Tag Archives: dining out in Flytown

Paul Valery: Politics is the art of preventing people from taking part in affairs which properly concern them

21 Aug

Since the COnVID shut down, I do almost all my shopping online. I’m not talking about major purchases, but anything that generates sales tax. One day I noticed the shampoo bottle was almost tapped, so I ordered some. They offer free shipping with a $35 purchase, so I bought a brake cable for my bike, some shirts for my husband, and a new winter bed sheet (I know, it’s hard to imagine right now, how cold your ass is going to be in a few months, and then all the winter bedding will be sold out).

I had the shampoo within 4 days. 

I’m still waiting for the break cable, which came from an East Coast vendor. My husband is fixing up my old bike, it’s been sitting in the shed ever since the brake cable snapped on me at a really inconvenient bend in the road. The back tire needs replacing – another online order, next time we need toothpaste.

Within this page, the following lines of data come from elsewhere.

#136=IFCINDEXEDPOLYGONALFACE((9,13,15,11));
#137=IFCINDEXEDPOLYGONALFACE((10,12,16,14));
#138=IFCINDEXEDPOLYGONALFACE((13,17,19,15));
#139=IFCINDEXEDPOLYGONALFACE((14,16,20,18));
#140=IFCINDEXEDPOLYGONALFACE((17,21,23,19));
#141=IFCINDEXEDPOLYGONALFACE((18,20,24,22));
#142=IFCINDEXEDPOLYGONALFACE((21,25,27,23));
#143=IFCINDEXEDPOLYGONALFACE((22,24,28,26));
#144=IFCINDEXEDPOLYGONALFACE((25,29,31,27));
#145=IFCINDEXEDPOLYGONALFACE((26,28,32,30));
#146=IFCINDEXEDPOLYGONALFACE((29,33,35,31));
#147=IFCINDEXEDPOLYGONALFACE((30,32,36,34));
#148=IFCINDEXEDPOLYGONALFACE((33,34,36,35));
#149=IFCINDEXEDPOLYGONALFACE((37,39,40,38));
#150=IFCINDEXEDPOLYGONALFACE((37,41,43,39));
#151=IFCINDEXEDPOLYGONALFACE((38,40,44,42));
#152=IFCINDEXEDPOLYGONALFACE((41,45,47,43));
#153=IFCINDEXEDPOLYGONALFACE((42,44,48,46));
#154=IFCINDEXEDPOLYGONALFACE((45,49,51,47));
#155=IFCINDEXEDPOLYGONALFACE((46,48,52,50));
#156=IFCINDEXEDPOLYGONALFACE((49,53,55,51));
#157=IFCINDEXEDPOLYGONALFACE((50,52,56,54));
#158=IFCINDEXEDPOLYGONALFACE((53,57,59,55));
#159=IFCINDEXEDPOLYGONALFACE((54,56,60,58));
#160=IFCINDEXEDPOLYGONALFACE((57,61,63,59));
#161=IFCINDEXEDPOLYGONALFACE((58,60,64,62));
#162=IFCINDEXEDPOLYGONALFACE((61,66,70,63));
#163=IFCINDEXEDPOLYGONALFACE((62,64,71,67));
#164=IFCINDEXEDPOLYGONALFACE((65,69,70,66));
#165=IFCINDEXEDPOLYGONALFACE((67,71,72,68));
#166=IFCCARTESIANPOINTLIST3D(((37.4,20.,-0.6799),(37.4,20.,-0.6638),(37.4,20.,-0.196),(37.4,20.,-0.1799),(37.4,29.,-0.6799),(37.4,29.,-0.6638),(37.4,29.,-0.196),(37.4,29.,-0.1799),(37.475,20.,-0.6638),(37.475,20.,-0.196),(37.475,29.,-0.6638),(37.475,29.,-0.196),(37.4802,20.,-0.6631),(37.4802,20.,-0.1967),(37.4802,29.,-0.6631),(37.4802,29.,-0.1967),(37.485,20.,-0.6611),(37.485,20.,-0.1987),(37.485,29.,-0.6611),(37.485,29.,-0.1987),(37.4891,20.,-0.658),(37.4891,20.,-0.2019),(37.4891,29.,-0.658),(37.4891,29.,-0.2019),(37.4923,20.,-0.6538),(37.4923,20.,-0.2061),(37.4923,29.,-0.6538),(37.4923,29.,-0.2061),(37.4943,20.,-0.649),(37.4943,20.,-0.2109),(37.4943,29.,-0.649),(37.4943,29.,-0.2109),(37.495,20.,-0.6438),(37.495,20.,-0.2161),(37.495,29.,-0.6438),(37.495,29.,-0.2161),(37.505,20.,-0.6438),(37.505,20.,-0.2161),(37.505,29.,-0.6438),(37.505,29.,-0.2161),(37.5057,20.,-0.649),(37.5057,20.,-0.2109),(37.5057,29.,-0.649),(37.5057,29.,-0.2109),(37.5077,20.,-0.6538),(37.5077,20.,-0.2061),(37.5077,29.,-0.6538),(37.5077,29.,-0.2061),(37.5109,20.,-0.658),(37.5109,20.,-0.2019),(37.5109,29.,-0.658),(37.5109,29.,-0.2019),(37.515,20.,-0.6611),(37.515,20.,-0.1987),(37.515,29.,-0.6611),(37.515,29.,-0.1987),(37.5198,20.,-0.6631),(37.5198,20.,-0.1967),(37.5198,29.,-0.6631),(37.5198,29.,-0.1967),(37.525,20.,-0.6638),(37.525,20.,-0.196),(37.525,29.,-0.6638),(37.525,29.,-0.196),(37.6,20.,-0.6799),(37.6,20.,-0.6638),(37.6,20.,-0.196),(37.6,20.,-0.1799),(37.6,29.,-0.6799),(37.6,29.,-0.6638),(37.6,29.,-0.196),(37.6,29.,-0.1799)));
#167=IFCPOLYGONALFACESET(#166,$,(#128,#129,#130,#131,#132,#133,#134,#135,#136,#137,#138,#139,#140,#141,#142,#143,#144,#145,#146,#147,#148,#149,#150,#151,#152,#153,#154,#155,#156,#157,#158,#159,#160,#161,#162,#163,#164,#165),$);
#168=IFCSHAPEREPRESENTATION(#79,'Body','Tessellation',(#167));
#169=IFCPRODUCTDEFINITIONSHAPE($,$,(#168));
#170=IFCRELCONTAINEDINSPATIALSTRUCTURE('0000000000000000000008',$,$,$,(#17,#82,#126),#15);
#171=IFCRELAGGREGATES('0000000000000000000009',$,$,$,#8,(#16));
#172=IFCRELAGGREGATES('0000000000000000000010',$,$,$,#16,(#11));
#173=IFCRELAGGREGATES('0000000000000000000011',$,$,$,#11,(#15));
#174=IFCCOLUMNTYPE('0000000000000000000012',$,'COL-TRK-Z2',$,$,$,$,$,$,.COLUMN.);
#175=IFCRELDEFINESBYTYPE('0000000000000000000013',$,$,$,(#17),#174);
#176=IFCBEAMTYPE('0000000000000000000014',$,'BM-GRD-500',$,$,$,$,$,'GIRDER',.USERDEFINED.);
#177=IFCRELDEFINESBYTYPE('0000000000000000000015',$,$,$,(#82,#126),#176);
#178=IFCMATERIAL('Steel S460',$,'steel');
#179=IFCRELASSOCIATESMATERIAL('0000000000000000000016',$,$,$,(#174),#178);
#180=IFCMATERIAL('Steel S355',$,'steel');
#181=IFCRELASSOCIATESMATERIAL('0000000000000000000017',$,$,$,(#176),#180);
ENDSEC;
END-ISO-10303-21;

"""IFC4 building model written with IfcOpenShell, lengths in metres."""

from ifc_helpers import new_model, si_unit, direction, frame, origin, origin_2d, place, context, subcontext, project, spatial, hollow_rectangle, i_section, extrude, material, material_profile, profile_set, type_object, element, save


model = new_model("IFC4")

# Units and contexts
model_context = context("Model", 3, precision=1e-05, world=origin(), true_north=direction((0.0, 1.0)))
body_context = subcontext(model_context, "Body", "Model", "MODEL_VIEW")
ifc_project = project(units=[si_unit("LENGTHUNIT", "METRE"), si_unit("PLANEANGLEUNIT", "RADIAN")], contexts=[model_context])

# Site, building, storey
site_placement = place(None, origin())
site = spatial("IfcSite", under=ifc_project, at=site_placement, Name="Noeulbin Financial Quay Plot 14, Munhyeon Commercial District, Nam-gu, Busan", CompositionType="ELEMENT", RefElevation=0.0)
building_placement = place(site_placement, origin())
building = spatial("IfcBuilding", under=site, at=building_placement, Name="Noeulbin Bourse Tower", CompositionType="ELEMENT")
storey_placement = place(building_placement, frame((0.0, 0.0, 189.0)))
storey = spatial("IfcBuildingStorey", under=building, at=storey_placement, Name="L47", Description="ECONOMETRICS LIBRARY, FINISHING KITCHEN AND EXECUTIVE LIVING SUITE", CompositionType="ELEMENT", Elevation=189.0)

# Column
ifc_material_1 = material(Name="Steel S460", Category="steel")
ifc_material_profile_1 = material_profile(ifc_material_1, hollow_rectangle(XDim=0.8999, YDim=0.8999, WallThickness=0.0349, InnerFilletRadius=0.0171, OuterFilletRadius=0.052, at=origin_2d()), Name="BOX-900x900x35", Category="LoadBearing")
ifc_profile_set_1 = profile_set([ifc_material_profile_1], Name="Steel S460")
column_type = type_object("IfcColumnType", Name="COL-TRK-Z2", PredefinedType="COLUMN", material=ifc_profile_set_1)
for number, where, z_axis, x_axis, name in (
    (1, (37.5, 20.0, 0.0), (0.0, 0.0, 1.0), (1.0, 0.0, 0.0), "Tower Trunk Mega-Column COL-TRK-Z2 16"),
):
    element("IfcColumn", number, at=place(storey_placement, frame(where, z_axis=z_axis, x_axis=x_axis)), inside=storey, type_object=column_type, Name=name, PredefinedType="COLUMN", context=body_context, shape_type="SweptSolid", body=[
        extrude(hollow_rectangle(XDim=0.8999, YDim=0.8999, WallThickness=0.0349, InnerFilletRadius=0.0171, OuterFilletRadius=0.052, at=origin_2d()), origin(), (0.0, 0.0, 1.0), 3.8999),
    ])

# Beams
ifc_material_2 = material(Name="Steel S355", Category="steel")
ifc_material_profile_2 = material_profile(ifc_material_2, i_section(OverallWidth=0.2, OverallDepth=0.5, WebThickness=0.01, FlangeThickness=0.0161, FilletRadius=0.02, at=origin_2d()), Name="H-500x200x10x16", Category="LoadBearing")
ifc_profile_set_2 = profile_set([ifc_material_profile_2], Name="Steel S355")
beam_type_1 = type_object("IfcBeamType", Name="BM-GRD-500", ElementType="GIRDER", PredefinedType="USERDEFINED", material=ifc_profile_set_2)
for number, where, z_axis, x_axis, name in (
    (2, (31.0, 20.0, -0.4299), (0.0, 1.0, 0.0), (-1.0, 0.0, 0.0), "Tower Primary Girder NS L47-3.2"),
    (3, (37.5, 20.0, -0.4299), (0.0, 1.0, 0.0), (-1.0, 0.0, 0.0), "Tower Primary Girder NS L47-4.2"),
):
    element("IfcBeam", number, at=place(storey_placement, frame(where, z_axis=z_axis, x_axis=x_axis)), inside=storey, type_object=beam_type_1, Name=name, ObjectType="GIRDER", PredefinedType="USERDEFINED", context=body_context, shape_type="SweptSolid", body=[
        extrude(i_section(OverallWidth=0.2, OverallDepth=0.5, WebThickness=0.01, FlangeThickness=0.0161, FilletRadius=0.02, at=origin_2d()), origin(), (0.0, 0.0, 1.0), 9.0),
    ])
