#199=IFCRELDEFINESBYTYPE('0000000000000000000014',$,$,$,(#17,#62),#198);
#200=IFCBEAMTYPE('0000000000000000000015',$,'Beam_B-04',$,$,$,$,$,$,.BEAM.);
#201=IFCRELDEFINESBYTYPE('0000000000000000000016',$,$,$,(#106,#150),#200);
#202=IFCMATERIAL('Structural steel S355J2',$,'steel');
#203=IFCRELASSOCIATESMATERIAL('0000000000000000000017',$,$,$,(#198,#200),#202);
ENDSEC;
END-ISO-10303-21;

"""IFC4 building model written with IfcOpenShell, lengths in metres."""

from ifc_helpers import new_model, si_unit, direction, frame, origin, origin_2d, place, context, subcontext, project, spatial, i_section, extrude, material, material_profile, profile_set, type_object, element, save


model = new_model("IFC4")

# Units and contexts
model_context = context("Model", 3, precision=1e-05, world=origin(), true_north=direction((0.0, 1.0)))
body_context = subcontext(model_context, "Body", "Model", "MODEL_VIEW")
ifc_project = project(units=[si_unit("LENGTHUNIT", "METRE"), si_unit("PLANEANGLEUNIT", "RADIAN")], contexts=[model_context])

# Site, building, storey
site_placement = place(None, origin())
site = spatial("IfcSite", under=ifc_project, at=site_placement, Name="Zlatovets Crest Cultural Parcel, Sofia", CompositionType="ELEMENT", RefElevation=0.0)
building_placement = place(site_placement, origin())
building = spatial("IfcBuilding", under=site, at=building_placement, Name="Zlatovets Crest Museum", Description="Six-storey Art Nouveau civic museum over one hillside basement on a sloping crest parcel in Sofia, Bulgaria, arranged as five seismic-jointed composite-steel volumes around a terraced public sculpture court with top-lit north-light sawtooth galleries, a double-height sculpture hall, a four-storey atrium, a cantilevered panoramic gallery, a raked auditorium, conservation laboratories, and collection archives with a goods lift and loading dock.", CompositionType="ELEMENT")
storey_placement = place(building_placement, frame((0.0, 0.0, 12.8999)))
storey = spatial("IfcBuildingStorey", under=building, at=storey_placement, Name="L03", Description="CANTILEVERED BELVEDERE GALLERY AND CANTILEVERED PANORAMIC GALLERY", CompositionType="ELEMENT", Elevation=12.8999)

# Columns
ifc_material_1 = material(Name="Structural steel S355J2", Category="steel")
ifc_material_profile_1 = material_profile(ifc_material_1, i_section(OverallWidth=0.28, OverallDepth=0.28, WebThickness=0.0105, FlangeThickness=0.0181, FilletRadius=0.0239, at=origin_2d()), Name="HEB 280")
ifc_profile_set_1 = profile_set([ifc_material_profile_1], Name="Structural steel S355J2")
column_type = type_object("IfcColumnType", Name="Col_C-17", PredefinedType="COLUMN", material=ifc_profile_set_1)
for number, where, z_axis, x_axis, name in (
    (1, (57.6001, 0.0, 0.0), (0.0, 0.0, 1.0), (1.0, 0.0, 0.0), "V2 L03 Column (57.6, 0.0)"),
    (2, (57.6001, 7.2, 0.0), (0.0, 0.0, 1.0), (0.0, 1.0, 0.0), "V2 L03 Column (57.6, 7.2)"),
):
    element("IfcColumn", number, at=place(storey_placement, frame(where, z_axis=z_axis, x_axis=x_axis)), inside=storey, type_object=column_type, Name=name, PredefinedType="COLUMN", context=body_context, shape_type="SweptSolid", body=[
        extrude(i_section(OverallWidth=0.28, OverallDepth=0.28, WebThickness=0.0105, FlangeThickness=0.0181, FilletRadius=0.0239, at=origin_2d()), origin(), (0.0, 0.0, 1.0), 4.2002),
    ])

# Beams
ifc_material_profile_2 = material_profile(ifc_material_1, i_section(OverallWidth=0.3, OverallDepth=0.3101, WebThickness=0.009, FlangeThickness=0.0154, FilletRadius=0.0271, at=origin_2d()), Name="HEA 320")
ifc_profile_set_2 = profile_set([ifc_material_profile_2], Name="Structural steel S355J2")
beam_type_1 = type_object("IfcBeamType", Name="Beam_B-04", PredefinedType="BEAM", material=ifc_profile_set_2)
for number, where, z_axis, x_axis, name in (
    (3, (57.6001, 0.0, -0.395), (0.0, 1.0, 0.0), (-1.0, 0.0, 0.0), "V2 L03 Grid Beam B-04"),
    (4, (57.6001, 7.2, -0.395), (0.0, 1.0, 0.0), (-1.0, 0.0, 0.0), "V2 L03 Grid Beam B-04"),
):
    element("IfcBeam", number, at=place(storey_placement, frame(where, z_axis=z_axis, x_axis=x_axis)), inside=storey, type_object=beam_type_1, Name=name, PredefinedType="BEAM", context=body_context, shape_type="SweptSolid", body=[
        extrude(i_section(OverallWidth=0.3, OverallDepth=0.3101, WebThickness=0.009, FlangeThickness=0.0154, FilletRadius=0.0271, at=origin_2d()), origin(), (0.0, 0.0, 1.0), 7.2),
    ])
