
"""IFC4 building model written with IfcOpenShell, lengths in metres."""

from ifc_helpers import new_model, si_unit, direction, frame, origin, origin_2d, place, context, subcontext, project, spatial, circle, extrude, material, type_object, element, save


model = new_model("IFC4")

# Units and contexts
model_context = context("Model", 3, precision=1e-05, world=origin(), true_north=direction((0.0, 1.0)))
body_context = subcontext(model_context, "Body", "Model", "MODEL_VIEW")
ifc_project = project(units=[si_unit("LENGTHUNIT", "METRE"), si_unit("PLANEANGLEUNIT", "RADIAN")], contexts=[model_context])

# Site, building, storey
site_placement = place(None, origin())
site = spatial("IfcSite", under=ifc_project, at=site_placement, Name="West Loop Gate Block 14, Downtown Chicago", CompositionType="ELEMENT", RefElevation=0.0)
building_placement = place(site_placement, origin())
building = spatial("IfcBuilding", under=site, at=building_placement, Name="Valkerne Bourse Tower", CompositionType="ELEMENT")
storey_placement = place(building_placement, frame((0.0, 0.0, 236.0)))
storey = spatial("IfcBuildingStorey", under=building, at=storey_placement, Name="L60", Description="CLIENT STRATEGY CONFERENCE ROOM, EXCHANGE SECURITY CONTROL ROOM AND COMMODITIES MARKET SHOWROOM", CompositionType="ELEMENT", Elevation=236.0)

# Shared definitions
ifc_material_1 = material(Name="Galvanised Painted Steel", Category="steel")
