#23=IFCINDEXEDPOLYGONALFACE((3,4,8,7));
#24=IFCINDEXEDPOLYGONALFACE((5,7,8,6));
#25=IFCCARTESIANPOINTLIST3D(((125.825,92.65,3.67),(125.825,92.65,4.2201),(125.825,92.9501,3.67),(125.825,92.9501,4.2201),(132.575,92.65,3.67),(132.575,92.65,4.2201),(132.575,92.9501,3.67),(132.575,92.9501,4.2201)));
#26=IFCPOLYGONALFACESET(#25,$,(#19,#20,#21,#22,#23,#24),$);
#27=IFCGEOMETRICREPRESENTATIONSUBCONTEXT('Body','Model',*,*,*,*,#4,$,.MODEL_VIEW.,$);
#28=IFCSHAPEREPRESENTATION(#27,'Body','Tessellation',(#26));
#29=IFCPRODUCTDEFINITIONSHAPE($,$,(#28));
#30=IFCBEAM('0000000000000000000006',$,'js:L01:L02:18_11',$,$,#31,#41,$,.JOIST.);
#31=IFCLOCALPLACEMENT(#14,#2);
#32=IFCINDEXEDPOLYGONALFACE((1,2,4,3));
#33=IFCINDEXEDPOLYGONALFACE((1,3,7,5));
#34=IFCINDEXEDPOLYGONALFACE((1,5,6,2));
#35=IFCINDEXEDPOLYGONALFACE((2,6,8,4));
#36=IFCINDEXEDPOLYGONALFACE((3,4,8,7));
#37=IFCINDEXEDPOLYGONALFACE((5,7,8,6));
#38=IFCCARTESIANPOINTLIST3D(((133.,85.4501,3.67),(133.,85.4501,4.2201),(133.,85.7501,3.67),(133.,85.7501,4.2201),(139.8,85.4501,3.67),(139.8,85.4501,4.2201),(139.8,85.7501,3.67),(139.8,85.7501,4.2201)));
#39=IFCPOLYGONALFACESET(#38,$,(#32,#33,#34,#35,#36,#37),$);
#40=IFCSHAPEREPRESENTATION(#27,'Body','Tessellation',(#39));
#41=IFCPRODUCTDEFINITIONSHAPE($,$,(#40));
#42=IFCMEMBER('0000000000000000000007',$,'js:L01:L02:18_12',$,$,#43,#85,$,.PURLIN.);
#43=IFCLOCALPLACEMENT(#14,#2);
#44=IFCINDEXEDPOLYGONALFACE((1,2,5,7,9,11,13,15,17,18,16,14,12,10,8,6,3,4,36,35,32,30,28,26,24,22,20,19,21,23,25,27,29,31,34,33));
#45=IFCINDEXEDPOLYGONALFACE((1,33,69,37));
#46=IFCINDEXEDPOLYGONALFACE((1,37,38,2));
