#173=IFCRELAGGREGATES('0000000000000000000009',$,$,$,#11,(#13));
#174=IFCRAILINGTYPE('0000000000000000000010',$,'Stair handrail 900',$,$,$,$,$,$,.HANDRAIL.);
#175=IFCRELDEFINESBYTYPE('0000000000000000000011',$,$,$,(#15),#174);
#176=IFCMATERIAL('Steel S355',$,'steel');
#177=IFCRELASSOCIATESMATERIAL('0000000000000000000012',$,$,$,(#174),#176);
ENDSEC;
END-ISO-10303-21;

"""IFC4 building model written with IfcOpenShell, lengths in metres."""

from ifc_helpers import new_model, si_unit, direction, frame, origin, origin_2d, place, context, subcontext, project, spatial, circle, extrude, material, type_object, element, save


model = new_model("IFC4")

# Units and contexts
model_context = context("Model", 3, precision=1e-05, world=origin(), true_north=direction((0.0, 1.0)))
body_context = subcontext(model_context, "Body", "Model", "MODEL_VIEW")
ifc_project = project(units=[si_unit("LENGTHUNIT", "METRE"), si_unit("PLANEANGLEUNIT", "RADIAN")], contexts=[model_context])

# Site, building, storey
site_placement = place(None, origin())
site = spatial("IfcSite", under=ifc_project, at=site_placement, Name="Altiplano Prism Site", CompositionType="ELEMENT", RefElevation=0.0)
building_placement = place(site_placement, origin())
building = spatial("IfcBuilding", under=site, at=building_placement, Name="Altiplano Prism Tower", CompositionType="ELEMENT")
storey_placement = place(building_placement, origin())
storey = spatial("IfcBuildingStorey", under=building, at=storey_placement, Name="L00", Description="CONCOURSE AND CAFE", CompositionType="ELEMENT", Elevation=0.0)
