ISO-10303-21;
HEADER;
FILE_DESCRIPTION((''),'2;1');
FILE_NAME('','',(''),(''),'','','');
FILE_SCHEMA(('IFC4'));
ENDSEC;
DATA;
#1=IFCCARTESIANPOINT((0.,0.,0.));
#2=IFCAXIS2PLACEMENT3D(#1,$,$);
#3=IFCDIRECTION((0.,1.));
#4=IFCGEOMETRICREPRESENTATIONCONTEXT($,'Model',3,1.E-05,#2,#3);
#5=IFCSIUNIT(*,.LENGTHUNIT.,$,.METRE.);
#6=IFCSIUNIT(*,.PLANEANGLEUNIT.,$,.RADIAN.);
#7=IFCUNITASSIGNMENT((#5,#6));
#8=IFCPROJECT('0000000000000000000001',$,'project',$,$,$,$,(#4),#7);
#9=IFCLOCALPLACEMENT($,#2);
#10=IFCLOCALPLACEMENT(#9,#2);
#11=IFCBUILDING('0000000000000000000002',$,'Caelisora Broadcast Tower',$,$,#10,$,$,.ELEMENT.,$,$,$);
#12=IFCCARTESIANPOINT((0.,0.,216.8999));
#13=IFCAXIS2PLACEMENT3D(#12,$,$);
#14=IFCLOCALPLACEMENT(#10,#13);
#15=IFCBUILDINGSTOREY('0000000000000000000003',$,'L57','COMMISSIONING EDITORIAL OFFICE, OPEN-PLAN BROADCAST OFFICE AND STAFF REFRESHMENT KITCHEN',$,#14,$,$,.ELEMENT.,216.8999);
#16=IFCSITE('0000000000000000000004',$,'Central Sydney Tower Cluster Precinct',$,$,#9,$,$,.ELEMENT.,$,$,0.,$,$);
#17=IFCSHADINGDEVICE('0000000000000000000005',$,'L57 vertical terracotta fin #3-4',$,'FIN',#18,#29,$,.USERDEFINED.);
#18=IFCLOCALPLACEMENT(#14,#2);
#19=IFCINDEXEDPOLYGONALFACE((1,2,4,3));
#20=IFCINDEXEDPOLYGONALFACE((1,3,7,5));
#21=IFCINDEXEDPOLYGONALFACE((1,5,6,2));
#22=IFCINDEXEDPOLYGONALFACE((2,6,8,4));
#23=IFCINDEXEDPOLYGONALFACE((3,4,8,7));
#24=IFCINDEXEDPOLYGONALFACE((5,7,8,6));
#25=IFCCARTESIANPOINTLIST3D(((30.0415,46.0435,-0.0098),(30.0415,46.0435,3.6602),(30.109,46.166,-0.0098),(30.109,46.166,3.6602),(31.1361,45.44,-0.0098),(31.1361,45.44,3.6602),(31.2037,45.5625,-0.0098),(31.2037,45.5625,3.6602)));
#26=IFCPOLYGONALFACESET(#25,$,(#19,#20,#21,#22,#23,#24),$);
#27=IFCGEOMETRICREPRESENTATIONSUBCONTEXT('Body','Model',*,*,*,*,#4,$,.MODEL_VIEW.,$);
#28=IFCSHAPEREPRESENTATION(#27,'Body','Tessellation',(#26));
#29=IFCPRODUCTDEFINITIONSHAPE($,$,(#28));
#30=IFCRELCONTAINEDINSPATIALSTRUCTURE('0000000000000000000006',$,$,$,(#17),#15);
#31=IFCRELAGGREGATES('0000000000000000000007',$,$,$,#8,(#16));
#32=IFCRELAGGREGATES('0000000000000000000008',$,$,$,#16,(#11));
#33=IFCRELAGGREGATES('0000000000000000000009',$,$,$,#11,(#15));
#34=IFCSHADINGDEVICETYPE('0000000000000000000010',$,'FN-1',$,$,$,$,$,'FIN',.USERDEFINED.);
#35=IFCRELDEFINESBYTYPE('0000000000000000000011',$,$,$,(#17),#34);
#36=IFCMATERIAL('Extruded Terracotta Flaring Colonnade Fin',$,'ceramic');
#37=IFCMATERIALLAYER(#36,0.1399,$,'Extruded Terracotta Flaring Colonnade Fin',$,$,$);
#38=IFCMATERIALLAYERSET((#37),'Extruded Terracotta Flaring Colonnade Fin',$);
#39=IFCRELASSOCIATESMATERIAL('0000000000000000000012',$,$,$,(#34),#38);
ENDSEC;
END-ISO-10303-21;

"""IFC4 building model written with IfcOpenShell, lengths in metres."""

from ifc_helpers import new_model, si_unit, direction, frame, origin, origin_2d, place, context, subcontext, project, spatial, rectangle, extrude, source, transform, mapped, material, layer, layer_set, type_object, type_shapes, element, save


model = new_model("IFC4")

# Units and contexts
model_context = context("Model", 3, precision=1e-05, world=origin(), true_north=direction((0.0, 1.0)))
body_context = subcontext(model_context, "Body", "Model", "MODEL_VIEW")
ifc_project = project(units=[si_unit("LENGTHUNIT", "METRE"), si_unit("PLANEANGLEUNIT", "RADIAN")], contexts=[model_context])

# Site, building, storey
site_placement = place(None, origin())
site = spatial("IfcSite", under=ifc_project, at=site_placement, Name="Central Sydney Tower Cluster Precinct", CompositionType="ELEMENT", RefElevation=0.0)
building_placement = place(site_placement, origin())
building = spatial("IfcBuilding", under=site, at=building_placement, Name="Caelisora Broadcast Tower", CompositionType="ELEMENT")
storey_placement = place(building_placement, frame((0.0, 0.0, 216.8999)))
storey = spatial("IfcBuildingStorey", under=building, at=storey_placement, Name="L57", Description="COMMISSIONING EDITORIAL OFFICE, OPEN-PLAN BROADCAST OFFICE AND STAFF REFRESHMENT KITCHEN", CompositionType="ELEMENT", Elevation=216.8999)

# Shading device
ifc_material_1 = material(Name="Extruded Terracotta Flaring Colonnade Fin", Category="ceramic")
ifc_layer_1 = layer(ifc_material_1, 0.1399, Name="Extruded Terracotta Flaring Colonnade Fin")
ifc_layer_set_1 = layer_set([ifc_layer_1], Name="Extruded Terracotta Flaring Colonnade Fin")
shading_device_type = type_object("IfcShadingDeviceType", Name="FN-1", ElementType="FIN", PredefinedType="USERDEFINED", material=ifc_layer_set_1)
shared_shape_1 = source(origin(), body_context, "Body", "SweptSolid", [
    extrude(rectangle(XDim=0.1399, YDim=1.25, at=origin_2d()), origin(), (0.0, 0.0, 1.0), 3.6699),
])
type_shapes(shading_device_type, [shared_shape_1])
for number, where, z_axis, x_axis, name in (
    (1, (30.6226, 45.803, -0.0098), (0.0, 0.0, 1.0), (0.482824, 0.875717, 0.0), "L57 vertical terracotta fin #3-4"),
):
    element("IfcShadingDevice", number, at=place(storey_placement, frame(where, z_axis=z_axis, x_axis=x_axis)), inside=storey, type_object=shading_device_type, Name=name, ObjectType="FIN", PredefinedType="USERDEFINED", context=body_context, shape_type="MappedRepresentation", body=[
        mapped(shared_shape_1, transform((0.0, 0.0, 0.0), scale=1.0)),
    ])

save(model, "model.ifc")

I like online shopping. I used to hate it when I had my PO box in Chico. My family has had packages lost, packages destroyed, packages stolen from, at the Chico Post office. I had to do the “Repo Man grab” for the last package – the staffers were unwilling to look for it in the mess of their backroom, they just kept sending me away. Finally,  I insisted that one clerk look at the tracking number, and finally he comes sheepishly out of the back room with package.

We’ve tried having packages delivered to Fed Ex and UPS but found the same problem – lazy staffers who wouldn’t do their job.  News flash – Larry Wahl sold his UPS stores, and the new owners are out-of-towners who don’t  give a shit, and charge $5 for pick-up.  UPS and FedEx drivers are great, but if you’re not going to be home, do you want a package laying on your doorstep? In this town? 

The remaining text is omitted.